Does the Claimant’s appeal have a reasonable chance of success based on a reviewable error the General Division may have made?

[13] In support of his application for leave to appeal, the Claimant submits that the General Division did not understand the numerous changes the Commission made in his file. He submits that the General Division did not consider the impact of the Commission’s administrative errors in its decision. He argues that the Commission violated his rights and his person with its negative comments and abusive and unjustified letters to him.

[14] The uncontested evidence before the General Division shows that the Claimant received 15 weeks of sickness benefits for the period from May 28 to September 30, 2017. He also received Employment Insurance regular benefits during the period from April 29, 2018, to May 26, 2018, because he said he was available for work and capable of working during that period.

[15] The Claimant then sent a medical certificate indicating that he was on sick leave for a period of eight weeks as of April 30, 2018. Because of the medical certificate, the Claimant should not have received Employment Insurance regular benefits for the period from April 29, 2018, to May 26, 2018, but rather sickness benefits.

[16] The General Division determined that the Claimant had already received the maximum weeks of sickness benefits.
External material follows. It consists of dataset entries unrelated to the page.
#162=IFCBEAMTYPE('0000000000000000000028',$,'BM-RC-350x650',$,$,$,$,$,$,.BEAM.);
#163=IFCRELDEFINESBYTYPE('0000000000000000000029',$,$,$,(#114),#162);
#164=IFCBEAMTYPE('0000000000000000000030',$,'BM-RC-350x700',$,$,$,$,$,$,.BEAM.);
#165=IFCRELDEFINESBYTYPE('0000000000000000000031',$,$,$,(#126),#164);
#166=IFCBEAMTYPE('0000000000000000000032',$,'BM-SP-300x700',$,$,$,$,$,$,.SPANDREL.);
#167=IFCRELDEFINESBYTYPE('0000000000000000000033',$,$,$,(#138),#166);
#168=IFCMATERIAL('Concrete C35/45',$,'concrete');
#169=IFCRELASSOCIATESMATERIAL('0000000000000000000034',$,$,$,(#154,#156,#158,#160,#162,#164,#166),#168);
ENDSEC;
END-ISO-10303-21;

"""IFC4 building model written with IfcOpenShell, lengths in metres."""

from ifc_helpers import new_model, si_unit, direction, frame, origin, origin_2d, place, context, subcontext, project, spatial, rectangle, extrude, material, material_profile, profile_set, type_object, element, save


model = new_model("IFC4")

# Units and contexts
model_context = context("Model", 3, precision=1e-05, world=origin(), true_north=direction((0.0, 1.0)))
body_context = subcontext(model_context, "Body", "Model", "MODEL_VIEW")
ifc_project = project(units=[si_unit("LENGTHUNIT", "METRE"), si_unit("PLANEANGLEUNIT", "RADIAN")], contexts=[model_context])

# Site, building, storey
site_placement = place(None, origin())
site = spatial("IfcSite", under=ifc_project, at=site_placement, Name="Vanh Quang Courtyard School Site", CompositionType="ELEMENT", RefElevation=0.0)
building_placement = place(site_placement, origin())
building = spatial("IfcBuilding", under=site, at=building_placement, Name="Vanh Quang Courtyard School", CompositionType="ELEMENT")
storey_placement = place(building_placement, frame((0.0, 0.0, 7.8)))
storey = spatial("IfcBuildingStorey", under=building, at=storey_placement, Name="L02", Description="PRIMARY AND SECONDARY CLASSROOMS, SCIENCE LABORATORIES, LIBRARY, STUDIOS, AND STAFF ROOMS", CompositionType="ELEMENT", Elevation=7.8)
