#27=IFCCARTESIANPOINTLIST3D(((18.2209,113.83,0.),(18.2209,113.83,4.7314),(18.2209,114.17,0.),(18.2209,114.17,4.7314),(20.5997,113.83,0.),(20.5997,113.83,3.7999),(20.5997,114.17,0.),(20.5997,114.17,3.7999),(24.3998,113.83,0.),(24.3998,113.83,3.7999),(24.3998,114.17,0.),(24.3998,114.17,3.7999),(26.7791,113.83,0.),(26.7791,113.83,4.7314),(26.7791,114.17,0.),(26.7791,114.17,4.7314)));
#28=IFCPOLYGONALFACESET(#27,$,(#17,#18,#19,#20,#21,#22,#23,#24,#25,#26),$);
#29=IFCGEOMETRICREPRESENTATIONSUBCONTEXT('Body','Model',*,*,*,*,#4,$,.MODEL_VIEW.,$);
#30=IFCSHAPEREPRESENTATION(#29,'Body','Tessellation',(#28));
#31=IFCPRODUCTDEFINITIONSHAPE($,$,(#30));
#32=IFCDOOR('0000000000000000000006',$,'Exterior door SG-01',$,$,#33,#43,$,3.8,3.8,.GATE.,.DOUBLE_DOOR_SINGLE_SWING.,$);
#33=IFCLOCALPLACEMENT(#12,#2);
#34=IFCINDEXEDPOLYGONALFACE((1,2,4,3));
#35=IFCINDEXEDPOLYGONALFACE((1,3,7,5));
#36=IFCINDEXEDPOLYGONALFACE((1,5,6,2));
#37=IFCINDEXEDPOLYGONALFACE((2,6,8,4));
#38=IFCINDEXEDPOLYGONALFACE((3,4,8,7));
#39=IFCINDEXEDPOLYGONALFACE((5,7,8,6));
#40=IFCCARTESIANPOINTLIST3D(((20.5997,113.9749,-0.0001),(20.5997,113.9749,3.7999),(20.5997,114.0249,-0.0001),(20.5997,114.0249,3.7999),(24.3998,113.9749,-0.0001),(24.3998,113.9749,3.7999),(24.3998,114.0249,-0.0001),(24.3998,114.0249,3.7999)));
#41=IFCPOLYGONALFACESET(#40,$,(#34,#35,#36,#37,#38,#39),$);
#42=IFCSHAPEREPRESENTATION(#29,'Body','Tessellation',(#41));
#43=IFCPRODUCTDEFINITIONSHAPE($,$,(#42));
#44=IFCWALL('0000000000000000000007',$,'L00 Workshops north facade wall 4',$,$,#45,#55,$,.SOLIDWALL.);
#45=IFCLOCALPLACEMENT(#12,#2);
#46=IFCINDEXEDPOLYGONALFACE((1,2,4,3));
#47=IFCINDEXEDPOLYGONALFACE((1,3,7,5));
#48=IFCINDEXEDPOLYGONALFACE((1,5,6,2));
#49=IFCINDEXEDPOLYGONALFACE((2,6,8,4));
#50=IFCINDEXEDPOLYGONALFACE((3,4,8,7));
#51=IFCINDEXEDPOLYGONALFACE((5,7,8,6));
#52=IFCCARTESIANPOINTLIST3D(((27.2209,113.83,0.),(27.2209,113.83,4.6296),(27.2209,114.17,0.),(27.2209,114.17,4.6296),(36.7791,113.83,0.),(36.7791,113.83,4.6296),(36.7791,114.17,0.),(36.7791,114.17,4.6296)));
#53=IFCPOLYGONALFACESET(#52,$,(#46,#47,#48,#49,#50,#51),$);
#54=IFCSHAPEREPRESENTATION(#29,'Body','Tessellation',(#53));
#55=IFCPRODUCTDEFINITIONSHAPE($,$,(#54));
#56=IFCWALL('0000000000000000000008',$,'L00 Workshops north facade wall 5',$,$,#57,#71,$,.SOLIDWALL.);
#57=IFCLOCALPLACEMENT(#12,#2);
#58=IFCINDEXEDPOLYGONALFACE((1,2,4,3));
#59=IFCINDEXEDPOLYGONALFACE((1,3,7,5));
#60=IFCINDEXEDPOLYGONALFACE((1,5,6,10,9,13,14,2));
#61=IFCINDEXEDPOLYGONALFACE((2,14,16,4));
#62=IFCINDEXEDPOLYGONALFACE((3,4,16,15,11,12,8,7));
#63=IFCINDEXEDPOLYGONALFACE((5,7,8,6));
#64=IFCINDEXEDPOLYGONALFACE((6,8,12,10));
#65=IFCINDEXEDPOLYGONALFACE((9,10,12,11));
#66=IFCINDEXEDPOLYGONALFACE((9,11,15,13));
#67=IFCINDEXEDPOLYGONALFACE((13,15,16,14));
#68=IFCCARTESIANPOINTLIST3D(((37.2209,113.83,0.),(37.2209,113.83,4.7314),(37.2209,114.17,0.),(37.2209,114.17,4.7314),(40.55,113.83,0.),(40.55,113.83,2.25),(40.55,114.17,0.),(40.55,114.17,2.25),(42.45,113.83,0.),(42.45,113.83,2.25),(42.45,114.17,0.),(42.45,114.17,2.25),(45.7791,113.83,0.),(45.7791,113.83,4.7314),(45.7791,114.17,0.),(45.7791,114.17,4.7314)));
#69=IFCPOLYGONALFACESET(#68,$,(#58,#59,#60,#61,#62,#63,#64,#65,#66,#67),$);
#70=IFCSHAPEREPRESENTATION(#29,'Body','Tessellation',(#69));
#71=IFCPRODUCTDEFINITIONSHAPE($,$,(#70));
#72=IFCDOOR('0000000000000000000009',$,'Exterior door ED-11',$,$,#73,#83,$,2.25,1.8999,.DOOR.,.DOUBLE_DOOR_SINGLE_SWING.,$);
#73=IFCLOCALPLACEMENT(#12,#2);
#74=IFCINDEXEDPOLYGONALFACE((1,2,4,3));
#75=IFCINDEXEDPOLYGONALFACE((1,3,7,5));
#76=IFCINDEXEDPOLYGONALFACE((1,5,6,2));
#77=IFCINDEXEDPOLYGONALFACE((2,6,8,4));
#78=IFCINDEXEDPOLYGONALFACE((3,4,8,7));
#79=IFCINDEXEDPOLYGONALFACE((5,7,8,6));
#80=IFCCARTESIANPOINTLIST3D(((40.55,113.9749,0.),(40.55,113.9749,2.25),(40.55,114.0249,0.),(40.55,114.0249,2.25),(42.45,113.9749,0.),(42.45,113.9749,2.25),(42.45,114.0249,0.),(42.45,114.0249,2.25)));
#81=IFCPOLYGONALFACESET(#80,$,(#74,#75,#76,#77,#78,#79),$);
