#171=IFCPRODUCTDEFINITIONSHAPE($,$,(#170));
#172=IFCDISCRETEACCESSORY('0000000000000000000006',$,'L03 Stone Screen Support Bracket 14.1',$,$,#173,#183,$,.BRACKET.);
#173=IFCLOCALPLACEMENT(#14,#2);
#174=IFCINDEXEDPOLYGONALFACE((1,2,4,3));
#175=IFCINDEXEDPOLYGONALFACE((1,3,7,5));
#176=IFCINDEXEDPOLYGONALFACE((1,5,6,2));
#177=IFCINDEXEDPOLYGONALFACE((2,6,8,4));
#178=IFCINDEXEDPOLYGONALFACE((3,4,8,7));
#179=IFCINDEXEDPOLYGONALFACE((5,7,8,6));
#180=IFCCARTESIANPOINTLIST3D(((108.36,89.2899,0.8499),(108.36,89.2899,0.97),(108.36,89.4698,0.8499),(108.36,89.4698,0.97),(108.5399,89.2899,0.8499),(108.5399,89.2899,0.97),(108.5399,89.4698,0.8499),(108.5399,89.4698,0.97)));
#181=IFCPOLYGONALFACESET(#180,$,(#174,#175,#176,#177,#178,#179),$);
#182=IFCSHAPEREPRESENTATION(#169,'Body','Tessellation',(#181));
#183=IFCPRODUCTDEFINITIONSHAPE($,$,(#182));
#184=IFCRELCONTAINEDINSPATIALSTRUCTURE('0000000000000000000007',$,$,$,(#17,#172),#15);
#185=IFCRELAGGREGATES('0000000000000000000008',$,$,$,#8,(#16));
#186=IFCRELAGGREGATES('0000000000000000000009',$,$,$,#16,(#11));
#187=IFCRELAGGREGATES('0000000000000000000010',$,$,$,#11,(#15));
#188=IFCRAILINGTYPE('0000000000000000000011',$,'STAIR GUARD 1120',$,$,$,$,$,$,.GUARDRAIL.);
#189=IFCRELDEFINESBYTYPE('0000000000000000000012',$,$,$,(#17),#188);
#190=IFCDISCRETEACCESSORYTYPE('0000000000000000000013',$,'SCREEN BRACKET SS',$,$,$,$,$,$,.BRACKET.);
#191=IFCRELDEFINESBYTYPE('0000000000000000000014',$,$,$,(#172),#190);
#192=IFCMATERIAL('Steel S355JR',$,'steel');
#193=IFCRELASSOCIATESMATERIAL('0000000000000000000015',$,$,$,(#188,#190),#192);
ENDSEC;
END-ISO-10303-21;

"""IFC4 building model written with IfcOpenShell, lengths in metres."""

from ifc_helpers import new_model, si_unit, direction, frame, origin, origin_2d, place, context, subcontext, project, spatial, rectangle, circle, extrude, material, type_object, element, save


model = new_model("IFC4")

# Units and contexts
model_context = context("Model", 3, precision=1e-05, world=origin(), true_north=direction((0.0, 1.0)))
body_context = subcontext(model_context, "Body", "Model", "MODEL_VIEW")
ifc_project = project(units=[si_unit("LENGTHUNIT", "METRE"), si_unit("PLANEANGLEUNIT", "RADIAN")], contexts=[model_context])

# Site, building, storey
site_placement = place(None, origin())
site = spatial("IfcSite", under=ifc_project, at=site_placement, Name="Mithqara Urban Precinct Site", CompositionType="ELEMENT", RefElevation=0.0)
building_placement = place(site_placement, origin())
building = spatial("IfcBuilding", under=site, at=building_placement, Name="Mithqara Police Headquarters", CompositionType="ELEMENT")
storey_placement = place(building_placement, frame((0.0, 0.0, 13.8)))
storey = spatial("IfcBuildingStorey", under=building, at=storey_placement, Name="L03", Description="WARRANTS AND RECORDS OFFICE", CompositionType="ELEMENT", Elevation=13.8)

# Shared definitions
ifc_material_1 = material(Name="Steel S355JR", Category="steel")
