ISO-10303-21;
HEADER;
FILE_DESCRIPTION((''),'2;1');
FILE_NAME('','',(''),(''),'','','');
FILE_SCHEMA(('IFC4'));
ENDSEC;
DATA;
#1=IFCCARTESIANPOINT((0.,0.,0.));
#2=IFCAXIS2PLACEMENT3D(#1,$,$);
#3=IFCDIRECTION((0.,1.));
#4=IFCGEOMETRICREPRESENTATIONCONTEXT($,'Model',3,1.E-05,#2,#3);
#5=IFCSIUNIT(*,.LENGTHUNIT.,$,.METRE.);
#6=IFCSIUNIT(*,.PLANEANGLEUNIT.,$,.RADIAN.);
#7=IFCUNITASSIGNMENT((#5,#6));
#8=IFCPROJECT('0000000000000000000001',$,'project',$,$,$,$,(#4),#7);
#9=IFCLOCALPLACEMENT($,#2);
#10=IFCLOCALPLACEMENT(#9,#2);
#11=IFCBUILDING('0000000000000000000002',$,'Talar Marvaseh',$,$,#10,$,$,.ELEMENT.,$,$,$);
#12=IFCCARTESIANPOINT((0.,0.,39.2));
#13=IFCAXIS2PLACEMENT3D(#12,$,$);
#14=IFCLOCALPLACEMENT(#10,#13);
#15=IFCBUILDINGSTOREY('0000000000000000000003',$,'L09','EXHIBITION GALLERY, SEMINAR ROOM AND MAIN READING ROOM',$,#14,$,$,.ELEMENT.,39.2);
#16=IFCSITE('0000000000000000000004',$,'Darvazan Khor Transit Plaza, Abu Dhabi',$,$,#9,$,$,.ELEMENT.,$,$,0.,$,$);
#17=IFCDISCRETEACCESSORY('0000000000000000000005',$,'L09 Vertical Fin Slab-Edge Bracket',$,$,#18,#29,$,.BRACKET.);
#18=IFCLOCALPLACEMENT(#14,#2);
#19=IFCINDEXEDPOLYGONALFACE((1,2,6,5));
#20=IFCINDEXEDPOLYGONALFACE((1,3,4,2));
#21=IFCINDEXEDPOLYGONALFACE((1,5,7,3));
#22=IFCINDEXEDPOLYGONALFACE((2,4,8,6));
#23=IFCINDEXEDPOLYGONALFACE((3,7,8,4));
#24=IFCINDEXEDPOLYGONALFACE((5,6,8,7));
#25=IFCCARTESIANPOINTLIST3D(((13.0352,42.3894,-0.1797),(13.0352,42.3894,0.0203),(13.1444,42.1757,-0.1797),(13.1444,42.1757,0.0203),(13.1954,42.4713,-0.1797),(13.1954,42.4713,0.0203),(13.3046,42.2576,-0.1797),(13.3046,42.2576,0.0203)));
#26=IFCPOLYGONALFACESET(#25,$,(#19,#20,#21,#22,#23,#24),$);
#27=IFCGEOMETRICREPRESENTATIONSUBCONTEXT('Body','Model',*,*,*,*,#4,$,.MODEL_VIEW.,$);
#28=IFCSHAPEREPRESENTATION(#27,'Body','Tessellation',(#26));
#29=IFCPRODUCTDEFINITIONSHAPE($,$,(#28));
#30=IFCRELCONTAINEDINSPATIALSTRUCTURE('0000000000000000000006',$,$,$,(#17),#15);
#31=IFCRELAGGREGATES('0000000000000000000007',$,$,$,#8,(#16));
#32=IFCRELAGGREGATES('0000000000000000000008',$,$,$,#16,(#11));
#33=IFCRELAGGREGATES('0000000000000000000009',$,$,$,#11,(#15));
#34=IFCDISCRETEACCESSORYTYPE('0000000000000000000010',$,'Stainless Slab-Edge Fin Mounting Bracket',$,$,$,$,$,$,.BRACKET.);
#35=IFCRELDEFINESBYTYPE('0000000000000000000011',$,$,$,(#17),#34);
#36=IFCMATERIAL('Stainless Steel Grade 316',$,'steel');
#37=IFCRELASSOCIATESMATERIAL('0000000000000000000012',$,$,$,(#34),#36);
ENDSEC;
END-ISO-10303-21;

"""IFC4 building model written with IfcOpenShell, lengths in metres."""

from ifc_helpers import new_model, si_unit, direction, frame, origin, origin_2d, place, context, subcontext, project, spatial, rectangle, extrude, source, transform, mapped, material, type_object, type_shapes, element, save


model = new_model("IFC4")

# Units and contexts
model_context = context("Model", 3, precision=1e-05, world=origin(), true_north=direction((0.0, 1.0)))
body_context = subcontext(model_context, "Body", "Model", "MODEL_VIEW")
ifc_project = project(units=[si_unit("LENGTHUNIT", "METRE"), si_unit("PLANEANGLEUNIT", "RADIAN")], contexts=[model_context])

# Site, building, storey
site_placement = place(None, origin())
site = spatial("IfcSite", under=ifc_project, at=site_placement, Name="Darvazan Khor Transit Plaza, Abu Dhabi", CompositionType="ELEMENT", RefElevation=0.0)
building_placement = place(site_placement, origin())
building = spatial("IfcBuilding", under=site, at=building_placement, Name="Talar Marvaseh", CompositionType="ELEMENT")
storey_placement = place(building_placement, frame((0.0, 0.0, 39.2)))
storey = spatial("IfcBuildingStorey", under=building, at=storey_placement, Name="L09", Description="EXHIBITION GALLERY, SEMINAR ROOM AND MAIN READING ROOM", CompositionType="ELEMENT", Elevation=39.2)

# Discrete accessory
ifc_material_1 = material(Name="Stainless Steel Grade 316", Category="steel")
discrete_accessory_type = type_object("IfcDiscreteAccessoryType", Name="Stainless Slab-Edge Fin Mounting Bracket", PredefinedType="BRACKET", material=ifc_material_1)
shared_shape_1 = source(origin(), body_context, "Body", "SweptSolid", [
    extrude(rectangle(XDim=0.24, YDim=0.1799, at=origin_2d()), origin(), (0.0, 0.0, 1.0), 0.2),
])
type_shapes(discrete_accessory_type, [shared_shape_1])
for number, where, z_axis, x_axis, name in (
    (1, (13.1699, 42.3235, -0.1797), (0.0, 0.0, 1.0), (-0.455079, 0.890451, 0.0), "L09 Vertical Fin Slab-Edge Bracket"),
):
    element("IfcDiscreteAccessory", number, at=place(storey_placement, frame(where, z_axis=z_axis, x_axis=x_axis)), inside=storey, type_object=discrete_accessory_type, Name=name, PredefinedType="BRACKET", context=body_context, shape_type="MappedRepresentation", body=[
        mapped(shared_shape_1, transform((0.0, 0.0, 0.0), x_axis=(1.0, 0.0, 0.0), y_axis=(0.0, 1.0, 0.0), z_axis=(0.0, 0.0, 1.0), scale=1.0)),
    ])

save(model, "model.ifc")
Therefore, he could not receive Employment Insurance sickness benefits for the period from April 29, 2018, to May 26, 2018. It rightly found that the Commission had to create an overpayment equivalent to four weeks of benefits at $536/week, for a total of $2,144.
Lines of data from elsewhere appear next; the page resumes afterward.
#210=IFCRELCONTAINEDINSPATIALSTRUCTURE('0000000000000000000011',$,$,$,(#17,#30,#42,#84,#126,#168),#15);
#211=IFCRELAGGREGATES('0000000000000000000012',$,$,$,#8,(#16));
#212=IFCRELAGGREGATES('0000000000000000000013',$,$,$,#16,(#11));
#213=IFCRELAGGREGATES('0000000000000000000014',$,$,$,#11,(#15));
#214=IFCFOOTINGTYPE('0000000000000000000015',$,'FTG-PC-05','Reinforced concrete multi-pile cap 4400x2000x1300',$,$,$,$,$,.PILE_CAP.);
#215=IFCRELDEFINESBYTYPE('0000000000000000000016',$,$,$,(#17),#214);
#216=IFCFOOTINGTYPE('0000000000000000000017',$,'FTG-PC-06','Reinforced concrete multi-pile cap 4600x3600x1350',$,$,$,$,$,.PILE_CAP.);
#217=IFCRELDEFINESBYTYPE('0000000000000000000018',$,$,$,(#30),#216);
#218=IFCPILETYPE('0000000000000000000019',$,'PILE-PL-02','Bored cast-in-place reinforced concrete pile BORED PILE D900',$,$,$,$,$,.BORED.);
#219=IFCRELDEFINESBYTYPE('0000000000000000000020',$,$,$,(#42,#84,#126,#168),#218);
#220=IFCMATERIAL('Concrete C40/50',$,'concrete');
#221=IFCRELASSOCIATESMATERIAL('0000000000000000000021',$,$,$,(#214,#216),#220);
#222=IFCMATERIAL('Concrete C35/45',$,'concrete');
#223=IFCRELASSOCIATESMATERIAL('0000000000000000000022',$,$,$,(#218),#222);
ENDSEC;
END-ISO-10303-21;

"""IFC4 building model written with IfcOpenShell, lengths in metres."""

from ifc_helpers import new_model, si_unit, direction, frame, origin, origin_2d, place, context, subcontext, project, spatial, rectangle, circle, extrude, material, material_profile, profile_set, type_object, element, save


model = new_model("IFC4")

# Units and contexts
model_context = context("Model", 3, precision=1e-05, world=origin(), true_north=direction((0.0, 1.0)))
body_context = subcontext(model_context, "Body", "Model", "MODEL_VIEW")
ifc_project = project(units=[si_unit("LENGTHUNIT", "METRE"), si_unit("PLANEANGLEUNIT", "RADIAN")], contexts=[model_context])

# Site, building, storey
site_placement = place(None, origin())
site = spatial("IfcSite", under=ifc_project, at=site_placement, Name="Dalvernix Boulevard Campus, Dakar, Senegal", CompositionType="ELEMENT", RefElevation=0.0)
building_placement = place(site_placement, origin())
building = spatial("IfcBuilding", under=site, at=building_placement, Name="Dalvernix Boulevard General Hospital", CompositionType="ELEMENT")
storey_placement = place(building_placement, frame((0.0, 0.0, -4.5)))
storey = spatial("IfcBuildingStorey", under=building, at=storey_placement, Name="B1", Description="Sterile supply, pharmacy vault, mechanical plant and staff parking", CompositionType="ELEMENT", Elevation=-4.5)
[17] It is also uncontested that the Claimant received $1,203.29 in vacation pay after the termination of his employment due to his dismissal.

[18] It is well established that earnings received by a Claimant because of a lay-off or separation from an employment will be allocated to a number of weeks that begins with the week of the lay-off or separation from employment, based on the normal weekly earnings from that employment, without consideration of the period when it was paid or became payable.

[19] It was therefore appropriate to allocate the $1,203.29 in vacation pay starting from the week of the lay-off, that is, May 28, 2017, even if the employer was late in making the payment.

[20] It is also well established that the General Division does not have the jurisdiction to give a decision on a request for write-off. If the Claimant wants to ask for a write-off of his debt, he must apply directly to the Commission so that a decision can be made on the issue. Only the Federal Court of Canada has the jurisdiction to receive an appeal against that issue after the Commission has made a decision on that issue.

[21] Based on the Claimant’s observations and submissions in support of his application for leave to appeal, the Tribunal wants to point out that it does not have the necessary jurisdiction to order the payment of compensation for the inconveniences and damages that he claims to have suffered after the handling of his file by the Commission.

[22] It is a debate for another forum.Footnote 1

Conclusion

[23] The Tribunal refuses leave to appeal to the Appeal Division.